ODE approximation for the Adam algorithm: General and overparametrized setting
2511.04622v1
math.OC, cs.LG, math.PR
2025-11-08
Авторы:
Steffen Dereich, Arnulf Jentzen, Sebastian Kassing
Abstract
The Adam optimizer is currently presumably the most popular optimization
method in deep learning. In this article we develop an ODE based method to
study the Adam optimizer in a fast-slow scaling regime. For fixed momentum
parameters and vanishing step-sizes, we show that the Adam algorithm is an
asymptotic pseudo-trajectory of the flow of a particular vector field, which is
referred to as the Adam vector field. Leveraging properties of asymptotic
pseudo-trajectories, we establish convergence results for the Adam algorithm.
In particular, in a very general setting we show that if the Adam algorithm
converges, then the limit must be a zero of the Adam vector field, rather than
a local minimizer or critical point of the objective function.

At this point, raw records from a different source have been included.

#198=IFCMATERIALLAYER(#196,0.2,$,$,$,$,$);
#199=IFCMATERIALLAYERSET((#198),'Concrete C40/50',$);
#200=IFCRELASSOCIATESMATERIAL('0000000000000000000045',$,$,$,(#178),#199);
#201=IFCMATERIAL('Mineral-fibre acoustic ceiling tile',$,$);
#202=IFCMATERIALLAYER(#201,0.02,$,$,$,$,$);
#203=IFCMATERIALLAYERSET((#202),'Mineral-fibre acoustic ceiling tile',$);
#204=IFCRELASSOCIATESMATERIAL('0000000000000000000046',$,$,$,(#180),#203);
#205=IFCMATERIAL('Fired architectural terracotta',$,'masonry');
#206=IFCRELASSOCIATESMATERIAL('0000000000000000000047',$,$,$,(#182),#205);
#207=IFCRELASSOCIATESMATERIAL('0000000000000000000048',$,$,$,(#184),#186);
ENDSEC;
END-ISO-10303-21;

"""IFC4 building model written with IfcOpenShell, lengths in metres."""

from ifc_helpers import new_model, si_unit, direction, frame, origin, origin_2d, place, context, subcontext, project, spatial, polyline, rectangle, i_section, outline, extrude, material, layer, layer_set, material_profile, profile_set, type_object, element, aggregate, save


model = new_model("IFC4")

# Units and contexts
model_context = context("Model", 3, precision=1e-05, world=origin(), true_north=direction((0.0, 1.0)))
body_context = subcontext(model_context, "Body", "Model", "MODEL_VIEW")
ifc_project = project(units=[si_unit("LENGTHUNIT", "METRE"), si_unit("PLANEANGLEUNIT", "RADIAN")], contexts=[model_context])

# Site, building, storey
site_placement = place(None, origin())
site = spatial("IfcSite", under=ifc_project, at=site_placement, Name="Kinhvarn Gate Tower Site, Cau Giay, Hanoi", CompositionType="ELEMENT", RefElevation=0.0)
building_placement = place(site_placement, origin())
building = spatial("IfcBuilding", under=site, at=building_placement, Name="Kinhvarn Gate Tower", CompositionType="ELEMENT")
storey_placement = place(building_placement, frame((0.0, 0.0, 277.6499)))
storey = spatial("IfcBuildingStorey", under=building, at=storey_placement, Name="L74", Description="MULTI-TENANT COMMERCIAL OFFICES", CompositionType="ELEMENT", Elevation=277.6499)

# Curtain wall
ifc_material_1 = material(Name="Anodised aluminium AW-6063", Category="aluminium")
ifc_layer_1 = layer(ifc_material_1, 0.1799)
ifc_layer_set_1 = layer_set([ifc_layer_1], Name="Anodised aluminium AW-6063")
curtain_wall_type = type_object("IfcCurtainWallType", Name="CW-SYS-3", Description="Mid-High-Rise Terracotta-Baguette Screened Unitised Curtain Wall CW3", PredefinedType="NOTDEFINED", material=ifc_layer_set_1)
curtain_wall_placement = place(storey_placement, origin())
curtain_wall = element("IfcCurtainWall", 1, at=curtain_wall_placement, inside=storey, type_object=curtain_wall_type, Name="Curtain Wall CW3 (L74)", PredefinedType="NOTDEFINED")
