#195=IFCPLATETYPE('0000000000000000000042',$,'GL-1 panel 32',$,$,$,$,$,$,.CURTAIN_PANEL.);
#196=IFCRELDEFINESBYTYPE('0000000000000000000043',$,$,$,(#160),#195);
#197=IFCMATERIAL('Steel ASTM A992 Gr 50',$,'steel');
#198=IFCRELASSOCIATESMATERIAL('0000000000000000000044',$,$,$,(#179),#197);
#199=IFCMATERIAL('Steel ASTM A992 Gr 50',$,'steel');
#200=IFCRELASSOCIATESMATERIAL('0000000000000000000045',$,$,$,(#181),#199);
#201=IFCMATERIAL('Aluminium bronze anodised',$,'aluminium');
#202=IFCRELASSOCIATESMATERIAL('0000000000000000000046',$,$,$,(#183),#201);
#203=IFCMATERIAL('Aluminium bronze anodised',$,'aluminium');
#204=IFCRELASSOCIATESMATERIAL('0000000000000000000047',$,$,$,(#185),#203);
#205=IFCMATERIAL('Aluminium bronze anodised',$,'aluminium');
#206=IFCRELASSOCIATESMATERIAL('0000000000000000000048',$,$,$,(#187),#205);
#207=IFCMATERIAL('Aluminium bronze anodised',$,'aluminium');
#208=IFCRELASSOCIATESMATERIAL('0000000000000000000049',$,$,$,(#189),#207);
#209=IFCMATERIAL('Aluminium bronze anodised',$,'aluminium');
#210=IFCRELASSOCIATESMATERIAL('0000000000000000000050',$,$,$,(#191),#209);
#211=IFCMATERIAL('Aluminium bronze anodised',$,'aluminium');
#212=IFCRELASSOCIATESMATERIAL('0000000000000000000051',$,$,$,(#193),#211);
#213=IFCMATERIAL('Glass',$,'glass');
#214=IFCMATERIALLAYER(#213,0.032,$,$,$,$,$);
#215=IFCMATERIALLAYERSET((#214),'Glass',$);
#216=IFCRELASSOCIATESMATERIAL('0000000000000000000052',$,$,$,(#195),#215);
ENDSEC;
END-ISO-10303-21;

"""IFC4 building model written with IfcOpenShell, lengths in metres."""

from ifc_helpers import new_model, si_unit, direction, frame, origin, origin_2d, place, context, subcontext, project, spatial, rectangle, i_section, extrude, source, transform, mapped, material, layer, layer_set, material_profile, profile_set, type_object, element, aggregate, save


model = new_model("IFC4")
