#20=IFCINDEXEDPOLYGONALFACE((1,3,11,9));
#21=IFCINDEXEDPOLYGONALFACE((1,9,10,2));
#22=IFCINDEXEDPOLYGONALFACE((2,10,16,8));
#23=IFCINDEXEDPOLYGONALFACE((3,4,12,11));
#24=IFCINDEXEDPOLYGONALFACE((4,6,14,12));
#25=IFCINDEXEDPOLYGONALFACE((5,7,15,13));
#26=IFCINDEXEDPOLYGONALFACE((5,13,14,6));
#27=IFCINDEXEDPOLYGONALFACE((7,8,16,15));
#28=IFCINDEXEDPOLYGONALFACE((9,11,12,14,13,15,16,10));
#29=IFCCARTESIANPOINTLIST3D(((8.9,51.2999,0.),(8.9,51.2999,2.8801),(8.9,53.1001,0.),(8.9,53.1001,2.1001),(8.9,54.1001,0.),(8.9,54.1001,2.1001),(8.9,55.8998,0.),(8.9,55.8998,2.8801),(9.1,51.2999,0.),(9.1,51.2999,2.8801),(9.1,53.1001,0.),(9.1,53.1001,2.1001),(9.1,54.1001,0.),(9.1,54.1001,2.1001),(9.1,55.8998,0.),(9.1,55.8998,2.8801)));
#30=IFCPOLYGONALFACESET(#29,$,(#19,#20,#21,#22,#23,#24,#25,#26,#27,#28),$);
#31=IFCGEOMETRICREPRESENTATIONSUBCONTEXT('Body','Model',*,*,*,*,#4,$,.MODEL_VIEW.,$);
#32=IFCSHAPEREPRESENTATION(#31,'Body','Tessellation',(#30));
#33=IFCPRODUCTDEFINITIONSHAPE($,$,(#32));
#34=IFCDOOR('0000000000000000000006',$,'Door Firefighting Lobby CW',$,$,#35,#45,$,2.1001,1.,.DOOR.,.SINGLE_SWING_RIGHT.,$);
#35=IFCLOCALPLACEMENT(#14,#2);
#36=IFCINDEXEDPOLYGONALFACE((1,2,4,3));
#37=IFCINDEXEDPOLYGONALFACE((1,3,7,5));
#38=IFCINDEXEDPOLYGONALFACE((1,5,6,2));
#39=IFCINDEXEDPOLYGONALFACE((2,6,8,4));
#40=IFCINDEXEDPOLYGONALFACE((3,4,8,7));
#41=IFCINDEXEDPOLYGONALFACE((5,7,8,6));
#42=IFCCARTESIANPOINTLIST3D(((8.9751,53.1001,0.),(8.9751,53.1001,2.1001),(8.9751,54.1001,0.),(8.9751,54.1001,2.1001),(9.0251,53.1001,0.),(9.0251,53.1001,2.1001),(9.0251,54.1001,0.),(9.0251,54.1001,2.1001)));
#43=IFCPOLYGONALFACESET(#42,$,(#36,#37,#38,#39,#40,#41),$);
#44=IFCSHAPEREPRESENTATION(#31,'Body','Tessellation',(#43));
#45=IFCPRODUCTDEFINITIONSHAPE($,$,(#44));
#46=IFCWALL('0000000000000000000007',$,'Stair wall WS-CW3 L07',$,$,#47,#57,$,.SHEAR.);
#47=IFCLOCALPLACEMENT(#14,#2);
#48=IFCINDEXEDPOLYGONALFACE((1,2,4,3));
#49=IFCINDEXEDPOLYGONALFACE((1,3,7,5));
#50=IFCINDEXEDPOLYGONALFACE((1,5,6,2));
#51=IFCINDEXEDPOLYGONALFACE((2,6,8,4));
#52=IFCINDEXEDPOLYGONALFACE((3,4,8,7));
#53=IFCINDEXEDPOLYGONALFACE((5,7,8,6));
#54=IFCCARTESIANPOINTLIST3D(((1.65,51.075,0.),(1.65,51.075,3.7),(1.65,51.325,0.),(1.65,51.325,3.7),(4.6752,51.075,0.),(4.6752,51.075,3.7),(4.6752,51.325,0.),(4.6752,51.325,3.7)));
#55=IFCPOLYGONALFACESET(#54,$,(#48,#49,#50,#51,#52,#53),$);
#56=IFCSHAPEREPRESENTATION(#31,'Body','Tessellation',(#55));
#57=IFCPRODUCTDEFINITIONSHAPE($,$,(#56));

In contrast, in the overparametrized empirical risk minimization setting, the
Adam algorithm is able to locally find the set of minima. Specifically, we show
that in a neighborhood of the global minima, the objective function serves as a
Lyapunov function for the flow induced by the Adam vector field. As a
consequence, if the Adam algorithm enters a neighborhood of the global minima
infinitely often, it converges to the set of global minima.